Microorganisms play essential roles in agricultural systems, and their abundance, diversity and activity can be influenced by management practices. Crop rotational diversity is known to influence both soil microorganisms and crop productivity, yet the specific contributions of microorganisms to rotational benefits are unknown.
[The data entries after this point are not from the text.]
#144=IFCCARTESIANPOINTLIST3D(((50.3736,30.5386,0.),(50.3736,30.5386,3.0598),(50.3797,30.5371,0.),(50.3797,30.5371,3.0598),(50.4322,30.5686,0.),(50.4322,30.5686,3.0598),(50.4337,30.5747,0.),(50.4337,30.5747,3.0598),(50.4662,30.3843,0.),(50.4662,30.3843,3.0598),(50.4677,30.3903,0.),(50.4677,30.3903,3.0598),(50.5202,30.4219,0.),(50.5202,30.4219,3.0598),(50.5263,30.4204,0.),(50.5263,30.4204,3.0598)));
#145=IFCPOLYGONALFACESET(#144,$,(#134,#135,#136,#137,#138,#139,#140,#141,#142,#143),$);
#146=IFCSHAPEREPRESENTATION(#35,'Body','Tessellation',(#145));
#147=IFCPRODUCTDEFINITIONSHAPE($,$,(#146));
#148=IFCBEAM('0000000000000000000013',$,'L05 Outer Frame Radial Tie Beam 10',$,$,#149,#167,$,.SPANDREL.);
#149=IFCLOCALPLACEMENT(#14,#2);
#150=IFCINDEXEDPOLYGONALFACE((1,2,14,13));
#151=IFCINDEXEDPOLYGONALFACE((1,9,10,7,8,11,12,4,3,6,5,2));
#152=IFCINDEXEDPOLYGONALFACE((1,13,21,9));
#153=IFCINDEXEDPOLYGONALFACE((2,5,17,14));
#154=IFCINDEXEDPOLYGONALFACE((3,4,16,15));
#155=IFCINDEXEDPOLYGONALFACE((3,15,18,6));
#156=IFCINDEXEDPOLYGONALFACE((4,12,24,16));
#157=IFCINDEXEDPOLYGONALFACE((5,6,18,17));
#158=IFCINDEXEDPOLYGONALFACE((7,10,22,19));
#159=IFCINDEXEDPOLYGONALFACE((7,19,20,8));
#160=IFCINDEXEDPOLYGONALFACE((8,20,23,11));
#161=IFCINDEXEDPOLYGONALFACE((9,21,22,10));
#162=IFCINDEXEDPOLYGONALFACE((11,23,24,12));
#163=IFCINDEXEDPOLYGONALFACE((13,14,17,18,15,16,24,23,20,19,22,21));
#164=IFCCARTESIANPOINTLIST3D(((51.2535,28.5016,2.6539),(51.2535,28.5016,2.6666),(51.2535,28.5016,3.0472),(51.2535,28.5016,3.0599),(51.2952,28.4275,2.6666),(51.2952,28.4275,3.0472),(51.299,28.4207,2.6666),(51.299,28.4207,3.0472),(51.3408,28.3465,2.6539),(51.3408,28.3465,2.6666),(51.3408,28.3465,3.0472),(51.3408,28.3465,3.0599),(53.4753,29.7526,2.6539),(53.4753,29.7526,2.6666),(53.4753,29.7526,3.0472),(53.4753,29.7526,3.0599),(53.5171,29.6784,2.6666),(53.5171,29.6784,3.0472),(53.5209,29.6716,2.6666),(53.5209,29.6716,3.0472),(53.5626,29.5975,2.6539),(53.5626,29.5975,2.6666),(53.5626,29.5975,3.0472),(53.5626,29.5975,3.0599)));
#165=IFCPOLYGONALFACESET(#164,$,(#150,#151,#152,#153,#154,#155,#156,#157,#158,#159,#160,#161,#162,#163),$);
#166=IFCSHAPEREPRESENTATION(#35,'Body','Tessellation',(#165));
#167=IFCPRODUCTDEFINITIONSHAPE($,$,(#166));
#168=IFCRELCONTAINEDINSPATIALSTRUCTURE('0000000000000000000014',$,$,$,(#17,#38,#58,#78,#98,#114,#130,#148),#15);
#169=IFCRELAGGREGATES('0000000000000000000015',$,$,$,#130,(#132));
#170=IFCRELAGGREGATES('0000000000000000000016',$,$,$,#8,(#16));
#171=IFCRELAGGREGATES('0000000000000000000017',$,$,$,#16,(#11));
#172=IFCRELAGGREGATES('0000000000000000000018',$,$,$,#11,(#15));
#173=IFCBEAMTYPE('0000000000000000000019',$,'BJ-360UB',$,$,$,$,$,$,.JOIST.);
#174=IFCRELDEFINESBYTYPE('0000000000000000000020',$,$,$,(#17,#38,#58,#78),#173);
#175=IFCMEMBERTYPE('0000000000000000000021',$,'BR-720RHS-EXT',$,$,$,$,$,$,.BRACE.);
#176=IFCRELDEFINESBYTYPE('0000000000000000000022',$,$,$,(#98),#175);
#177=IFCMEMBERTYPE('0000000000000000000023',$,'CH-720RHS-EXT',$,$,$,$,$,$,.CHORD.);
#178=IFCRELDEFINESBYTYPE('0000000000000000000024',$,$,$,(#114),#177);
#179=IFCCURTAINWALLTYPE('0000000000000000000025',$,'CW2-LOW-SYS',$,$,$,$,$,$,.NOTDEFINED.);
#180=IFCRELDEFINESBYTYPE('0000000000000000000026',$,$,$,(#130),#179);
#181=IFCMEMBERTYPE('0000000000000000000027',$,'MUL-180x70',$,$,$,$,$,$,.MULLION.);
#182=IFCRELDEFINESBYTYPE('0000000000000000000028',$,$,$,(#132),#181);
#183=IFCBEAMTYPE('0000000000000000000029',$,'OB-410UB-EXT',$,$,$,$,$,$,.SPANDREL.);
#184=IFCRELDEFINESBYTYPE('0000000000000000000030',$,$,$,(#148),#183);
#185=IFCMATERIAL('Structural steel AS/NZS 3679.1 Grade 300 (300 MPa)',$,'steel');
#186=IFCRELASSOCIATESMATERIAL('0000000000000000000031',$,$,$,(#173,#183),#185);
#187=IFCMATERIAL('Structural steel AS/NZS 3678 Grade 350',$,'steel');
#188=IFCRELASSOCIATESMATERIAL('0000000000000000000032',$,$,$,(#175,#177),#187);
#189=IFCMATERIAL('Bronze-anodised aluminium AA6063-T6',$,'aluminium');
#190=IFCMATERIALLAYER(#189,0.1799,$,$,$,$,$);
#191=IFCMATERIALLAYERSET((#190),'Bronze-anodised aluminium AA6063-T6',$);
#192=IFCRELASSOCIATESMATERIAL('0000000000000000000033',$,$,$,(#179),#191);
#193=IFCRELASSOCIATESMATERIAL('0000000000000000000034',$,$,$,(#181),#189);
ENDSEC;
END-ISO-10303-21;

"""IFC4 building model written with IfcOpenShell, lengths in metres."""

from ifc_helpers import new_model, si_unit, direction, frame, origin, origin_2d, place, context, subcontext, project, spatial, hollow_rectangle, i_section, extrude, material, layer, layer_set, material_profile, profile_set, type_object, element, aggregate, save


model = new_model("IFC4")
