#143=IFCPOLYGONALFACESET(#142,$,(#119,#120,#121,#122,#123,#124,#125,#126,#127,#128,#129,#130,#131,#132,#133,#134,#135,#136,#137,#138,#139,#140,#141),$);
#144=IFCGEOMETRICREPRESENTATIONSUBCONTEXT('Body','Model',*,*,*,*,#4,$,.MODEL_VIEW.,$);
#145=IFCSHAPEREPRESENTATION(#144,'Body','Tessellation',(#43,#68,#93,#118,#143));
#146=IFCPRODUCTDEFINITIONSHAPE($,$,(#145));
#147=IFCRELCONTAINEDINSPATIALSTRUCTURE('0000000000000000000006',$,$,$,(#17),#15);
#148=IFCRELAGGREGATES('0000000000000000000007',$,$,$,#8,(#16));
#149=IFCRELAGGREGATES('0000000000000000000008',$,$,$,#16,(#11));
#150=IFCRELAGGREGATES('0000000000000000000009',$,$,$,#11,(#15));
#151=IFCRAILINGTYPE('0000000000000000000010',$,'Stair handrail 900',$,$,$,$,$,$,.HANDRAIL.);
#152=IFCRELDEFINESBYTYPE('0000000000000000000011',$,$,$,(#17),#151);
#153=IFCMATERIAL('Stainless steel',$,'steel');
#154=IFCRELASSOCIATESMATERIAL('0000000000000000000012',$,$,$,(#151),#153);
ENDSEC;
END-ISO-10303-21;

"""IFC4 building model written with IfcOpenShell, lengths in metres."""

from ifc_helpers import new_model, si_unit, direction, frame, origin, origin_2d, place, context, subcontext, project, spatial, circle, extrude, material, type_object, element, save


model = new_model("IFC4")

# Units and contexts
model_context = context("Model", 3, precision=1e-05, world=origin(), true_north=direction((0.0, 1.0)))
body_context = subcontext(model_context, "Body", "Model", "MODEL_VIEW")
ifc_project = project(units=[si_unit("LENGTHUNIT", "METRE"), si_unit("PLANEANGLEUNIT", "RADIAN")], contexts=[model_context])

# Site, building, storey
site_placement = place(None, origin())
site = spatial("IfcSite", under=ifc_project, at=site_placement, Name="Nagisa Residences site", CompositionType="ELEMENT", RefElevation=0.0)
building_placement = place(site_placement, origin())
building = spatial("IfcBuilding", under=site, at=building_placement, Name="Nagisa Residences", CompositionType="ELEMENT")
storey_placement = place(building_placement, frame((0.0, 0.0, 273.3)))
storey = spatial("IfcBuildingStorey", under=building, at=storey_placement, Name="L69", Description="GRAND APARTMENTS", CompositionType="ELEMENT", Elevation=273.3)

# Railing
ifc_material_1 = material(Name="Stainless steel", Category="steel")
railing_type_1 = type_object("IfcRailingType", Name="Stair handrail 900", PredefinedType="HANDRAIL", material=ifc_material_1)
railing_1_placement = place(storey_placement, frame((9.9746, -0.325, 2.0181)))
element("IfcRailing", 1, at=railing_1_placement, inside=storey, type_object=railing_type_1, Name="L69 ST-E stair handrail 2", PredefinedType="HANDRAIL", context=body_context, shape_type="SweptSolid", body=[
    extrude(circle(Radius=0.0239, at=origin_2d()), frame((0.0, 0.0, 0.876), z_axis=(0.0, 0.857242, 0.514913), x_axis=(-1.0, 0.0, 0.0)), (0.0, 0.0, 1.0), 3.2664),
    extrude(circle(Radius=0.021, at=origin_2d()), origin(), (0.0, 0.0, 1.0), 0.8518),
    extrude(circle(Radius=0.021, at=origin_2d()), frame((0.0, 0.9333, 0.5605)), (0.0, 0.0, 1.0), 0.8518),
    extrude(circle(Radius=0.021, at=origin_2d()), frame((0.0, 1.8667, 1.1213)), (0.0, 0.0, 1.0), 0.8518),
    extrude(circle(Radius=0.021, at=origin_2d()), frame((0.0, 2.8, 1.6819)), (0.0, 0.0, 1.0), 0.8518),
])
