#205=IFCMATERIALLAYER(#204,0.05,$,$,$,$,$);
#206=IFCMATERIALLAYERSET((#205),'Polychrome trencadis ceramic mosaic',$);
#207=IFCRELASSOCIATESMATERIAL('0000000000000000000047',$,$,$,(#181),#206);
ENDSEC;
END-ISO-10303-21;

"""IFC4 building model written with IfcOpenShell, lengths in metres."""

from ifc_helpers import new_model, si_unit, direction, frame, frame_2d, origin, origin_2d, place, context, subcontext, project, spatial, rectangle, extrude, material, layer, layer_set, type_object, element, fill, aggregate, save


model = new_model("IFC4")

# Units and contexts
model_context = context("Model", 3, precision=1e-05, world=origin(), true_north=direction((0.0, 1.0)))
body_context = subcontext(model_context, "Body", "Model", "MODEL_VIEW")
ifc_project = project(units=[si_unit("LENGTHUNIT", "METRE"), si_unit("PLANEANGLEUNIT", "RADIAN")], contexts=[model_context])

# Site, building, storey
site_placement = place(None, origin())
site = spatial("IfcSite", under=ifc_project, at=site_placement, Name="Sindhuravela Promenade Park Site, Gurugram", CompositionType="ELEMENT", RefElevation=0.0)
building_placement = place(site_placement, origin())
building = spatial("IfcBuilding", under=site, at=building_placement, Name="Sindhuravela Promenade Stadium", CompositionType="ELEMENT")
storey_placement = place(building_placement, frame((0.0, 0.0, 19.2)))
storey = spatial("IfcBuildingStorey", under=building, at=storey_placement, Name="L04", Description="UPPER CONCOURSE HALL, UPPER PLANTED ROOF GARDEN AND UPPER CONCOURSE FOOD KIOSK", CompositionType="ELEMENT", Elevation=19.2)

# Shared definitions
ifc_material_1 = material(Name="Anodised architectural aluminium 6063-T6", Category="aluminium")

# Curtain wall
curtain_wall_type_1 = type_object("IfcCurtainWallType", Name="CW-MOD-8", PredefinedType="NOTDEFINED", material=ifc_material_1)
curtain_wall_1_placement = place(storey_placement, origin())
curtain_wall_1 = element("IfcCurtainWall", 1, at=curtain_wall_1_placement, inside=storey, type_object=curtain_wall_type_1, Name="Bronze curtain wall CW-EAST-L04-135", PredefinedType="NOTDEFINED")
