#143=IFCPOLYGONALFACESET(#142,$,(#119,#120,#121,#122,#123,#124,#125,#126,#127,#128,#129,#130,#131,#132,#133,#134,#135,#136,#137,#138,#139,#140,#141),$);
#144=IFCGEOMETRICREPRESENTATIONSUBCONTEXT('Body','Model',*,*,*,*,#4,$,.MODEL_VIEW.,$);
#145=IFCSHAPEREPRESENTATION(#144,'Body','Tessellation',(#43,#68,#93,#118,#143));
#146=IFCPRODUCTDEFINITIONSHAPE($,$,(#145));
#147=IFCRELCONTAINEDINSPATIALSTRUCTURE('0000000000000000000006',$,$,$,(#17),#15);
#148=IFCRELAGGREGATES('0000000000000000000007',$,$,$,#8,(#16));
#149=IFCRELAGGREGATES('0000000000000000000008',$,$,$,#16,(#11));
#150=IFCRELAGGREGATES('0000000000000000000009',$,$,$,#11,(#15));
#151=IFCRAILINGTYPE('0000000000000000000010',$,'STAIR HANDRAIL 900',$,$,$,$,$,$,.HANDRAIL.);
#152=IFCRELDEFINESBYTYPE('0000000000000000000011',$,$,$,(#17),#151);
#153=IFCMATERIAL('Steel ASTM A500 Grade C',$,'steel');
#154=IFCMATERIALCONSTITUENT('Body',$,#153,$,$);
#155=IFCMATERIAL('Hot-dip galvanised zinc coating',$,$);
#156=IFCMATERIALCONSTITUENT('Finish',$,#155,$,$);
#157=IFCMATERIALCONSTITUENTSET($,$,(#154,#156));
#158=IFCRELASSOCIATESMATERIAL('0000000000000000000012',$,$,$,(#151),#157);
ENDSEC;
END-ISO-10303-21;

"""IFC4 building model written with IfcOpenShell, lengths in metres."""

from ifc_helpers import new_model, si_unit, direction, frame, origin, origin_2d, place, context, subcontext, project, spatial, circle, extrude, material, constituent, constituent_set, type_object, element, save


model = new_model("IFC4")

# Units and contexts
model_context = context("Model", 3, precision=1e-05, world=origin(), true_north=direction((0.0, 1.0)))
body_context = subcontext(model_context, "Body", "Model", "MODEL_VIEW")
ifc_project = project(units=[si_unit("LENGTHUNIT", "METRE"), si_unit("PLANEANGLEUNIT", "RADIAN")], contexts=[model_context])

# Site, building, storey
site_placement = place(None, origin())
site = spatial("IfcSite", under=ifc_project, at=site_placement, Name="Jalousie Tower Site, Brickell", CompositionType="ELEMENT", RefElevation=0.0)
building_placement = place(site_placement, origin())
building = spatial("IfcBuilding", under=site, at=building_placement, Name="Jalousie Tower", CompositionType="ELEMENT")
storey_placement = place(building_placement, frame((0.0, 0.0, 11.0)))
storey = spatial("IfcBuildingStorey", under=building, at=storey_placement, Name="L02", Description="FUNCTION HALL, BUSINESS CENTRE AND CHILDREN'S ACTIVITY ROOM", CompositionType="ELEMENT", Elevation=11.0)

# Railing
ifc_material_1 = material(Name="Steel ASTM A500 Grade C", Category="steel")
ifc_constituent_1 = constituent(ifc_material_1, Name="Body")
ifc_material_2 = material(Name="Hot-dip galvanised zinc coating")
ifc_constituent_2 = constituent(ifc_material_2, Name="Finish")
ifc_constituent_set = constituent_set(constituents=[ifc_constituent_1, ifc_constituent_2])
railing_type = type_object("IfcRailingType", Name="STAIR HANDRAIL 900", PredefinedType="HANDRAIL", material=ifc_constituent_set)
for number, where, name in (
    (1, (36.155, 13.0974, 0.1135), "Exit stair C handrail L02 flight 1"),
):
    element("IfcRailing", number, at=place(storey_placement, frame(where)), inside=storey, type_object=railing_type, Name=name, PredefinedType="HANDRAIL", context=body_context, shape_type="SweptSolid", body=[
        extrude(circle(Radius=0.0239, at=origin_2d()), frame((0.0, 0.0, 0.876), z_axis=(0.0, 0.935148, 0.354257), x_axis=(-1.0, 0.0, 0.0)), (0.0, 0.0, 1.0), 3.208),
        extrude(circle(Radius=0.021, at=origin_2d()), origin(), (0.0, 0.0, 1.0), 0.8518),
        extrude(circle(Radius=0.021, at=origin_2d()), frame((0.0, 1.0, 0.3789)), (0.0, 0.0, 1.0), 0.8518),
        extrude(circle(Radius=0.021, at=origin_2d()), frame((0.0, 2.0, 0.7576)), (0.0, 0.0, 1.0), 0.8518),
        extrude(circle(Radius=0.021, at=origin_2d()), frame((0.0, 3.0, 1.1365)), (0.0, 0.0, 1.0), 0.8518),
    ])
To facilitate monitoring soil biological processes that support vigorous and high yielding crops, we studied maize (Zea mays L.) and soybean (Glycine max L.), and their associated microorganisms within a two-year maize-soybean rotation and within four-year crop rotations with varying crop sequences. We hypothesized that rhizosphere microbial communities are strong predictors of crop productivity contingent on rotational diversity and previous crop legacy. Sampling at seedling and flowering stages, we assessed rhizosphere bacterial and fungal communities, soil and plant tissue nutrients, aboveground biomass, and yield. Rhizosphere communities varied with rotational diversity and previous crop legacy. Concurrently, maize and soybean yield and biomass were approximately 15–25% larger in more diverse rotations and with different crop legacies, but there were no crop rotational effects on tissue or soil nutrients. Yield differences across rotational diversity or previous crop legacy were better predicted when microbial communities were considered. Fungal communities predicted lower maize seedlings biomass when following soybean, and lower soybean seedling biomass when following maize, independent of rotational diversity. Further, for maize, fungal communities predicted lower maize yield in the maize-soybean rotation, while in the four-year diverse rotations, bacterial communities predicted maize recovery from a soybean legacy by flowering. These results suggest that benefits of four-year rotations in maize and soybean production are driven by changes in plant pathogenic communities.

微生物在农业系统中起着至关重要的作用，其丰度，多样性和活动可能会受到管理实践的影响。已知农作物轮作多样性会影响土壤微生物和农作物生产力，但微生物对轮作效益的具体贡献尚不清楚。为了便于监测支持有力和高产作物的土壤生物学过程，我们研究了玉米（Zea mays L.）和大豆（Glycine max）。L.）及其相关微生物，在两年的玉米-大豆轮作中和四年的轮作中，具有不同的农作物序列。我们假设，根际微生物群落是作物生产力的有力预测指标，取决于轮作多样性和以前的作物遗产。在苗期和开花期取样，我们评估了根际细菌和真菌群落，土壤和植物组织养分，地上生物量以及产量。根际群落随着轮作的多样性和以前的农作物遗留而变化。同时，玉米和大豆的产量和生物量在更多样化的轮作中和具有不同的农作物遗留率的情况下大约增加15–25％，但没有农作物轮作对组织或土壤养分的影响。当考虑到微生物群落时，可以更好地预测轮作多样性或以前作物遗留的产量差异。真菌群落预测追随大豆时玉米幼苗生物量较低，追随玉米时大豆幼苗生物量较低，与轮作多样性无关。此外，对于玉米，真菌群落预测玉米-大豆轮作中玉米产量较低，而在四年的不同轮作中，细菌群落预测玉米通过开花从大豆遗留物中恢复。这些结果表明，玉米和大豆生产中每四年轮换的好处是由植物病原体群落的变化所驱动的。追随玉米时，较低的大豆幼苗生物量不受旋转多样性的影响。此外，对于玉米，真菌群落预测玉米-大豆轮作中玉米产量较低，而在四年的不同轮作中，细菌群落预测玉米通过开花从大豆遗留物中恢复。这些结果表明，玉米和大豆生产中每四年轮换的好处是由植物病原体群落的变化所驱动的。追随玉米时，较低的大豆幼苗生物量不受旋转多样性的影响。此外，对于玉米，真菌群落预测玉米-大豆轮作中玉米产量较低，而在四年的不同轮作中，细菌群落预测玉米通过开花从大豆遗留物中恢复。这些结果表明，玉米和大豆生产中每四年轮换的好处是由植物病原体群落的变化所驱动的。